# Maintaining Leather



## dboy11 (Mar 6, 2006)

Ilovemycar said:


> Sorry to bump an old thread, but after many search function hits, this is what I needed!
> 
> I only got the Prestine, because I figured my leather is in decent condition. I keep my car pretty immaculate, garaged, etc.
> 
> ...


You made the right choice and if you don't understand the process, their web site has a forum or you can call them they are very good with help. I've been using their stuff for years.


----------



## Ilovemycar (Feb 19, 2010)

dboy11 said:


> You made the right choice and if you don't understand the process, their web site has a forum or you can call them they are very good with help. I've been using their stuff for years.


Thanks! 

But, now you're making me second guess, lol.

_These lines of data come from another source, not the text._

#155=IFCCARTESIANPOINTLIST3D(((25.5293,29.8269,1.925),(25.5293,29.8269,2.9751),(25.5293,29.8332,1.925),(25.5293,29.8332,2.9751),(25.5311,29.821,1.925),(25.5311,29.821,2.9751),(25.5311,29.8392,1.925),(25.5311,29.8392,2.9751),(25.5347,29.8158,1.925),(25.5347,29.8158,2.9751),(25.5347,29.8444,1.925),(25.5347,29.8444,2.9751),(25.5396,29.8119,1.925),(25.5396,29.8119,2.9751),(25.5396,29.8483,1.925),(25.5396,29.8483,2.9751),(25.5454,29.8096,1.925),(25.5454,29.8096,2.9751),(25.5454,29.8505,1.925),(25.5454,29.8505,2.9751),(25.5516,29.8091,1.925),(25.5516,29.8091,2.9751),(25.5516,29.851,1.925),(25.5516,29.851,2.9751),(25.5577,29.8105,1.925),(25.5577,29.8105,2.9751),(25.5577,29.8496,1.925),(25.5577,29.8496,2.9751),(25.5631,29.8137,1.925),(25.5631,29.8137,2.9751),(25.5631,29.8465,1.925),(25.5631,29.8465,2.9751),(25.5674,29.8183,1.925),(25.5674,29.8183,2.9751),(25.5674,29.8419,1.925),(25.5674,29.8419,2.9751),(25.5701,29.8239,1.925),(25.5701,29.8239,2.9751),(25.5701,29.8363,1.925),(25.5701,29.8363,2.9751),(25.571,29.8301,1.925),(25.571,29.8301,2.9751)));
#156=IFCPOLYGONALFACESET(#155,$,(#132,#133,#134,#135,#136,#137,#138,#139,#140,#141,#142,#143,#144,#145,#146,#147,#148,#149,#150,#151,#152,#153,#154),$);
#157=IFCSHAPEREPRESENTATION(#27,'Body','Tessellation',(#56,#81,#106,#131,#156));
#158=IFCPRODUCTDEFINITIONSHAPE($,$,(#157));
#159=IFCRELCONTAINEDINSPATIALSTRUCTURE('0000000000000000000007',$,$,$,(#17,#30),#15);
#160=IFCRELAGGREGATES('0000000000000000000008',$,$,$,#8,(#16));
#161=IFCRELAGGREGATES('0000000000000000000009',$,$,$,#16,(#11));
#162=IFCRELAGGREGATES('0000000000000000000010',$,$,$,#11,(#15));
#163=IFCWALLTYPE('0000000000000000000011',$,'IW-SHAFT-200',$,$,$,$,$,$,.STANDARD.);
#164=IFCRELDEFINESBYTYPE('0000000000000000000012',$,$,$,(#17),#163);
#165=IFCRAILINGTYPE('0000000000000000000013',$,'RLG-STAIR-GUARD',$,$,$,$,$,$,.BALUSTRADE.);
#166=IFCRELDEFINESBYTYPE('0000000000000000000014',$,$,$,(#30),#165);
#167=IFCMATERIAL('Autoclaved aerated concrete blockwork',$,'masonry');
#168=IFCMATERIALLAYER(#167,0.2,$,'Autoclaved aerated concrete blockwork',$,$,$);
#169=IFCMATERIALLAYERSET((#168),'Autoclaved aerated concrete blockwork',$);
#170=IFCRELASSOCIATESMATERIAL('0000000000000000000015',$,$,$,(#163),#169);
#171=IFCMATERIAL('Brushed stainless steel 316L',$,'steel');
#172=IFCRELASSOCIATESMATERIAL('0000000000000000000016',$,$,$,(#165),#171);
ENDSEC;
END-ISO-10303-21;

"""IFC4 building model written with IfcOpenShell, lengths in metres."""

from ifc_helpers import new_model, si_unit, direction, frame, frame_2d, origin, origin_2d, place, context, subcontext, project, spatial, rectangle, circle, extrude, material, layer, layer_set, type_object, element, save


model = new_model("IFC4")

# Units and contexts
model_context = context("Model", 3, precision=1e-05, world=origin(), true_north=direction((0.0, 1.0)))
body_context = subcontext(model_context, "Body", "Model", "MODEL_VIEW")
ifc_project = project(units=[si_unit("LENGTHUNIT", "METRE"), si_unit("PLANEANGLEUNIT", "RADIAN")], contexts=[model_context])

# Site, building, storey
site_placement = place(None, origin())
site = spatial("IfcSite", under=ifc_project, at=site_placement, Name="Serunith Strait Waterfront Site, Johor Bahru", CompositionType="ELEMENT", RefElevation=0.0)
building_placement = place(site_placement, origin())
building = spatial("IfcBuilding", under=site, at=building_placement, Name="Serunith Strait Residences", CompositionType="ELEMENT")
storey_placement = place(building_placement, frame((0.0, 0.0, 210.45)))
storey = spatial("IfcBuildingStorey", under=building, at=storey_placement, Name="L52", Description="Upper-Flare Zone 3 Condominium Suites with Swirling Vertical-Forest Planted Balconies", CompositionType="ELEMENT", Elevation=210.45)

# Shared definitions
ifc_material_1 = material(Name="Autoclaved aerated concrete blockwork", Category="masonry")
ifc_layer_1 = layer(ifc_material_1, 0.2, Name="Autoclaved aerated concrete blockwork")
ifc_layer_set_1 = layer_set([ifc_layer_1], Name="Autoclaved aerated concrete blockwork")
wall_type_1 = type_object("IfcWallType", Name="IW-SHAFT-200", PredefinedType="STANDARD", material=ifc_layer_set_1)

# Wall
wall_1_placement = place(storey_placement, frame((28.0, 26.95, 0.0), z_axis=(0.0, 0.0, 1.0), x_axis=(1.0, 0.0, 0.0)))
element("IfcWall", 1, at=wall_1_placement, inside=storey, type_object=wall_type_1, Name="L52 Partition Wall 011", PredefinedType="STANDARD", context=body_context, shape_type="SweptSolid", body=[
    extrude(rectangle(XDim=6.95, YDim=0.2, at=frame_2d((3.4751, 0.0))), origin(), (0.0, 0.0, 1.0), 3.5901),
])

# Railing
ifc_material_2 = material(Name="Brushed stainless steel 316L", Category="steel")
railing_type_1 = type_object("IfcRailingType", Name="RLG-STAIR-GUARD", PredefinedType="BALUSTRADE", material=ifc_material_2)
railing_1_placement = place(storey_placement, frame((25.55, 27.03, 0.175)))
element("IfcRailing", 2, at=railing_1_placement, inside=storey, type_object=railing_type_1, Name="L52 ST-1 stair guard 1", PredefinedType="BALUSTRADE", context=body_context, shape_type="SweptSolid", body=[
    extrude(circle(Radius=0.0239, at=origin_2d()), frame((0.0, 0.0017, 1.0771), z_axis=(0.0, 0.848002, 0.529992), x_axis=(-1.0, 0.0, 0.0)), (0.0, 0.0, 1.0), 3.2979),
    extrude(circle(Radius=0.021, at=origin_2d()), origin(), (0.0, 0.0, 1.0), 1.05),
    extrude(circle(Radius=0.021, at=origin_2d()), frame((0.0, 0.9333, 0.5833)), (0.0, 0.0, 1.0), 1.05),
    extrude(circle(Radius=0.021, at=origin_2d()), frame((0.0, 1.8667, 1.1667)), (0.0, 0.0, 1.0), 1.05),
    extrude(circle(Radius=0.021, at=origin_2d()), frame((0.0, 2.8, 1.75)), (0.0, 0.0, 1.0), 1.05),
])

Will reread instructions again . . .

_"Apply Prestine Clean by putting it in a Spray Bottle then wipe off with a SOFT lint free cloth. . . Let stand for a few minutes, usually by the time you are done with the next piece, and wipe the surface with a soft, damp cloth Rinse the soft cloth in warm clean water, ring dry, wipe again." _

http://www.leatherique.com/do_it_your_self_instruction/rejuvinator_pc_directions.html

Cheers, and thank you. :thumbup:


----------



## Got_Leather (Sep 14, 2009)

use this..

Leather How to


----------



## Ilovemycar (Feb 19, 2010)

Got_Leather said:


> use this..
> 
> Leather How to


Thanks! I don't think I used it so liberally, as it seems in the pic(s) you provided. I pretty much followed those instructions though.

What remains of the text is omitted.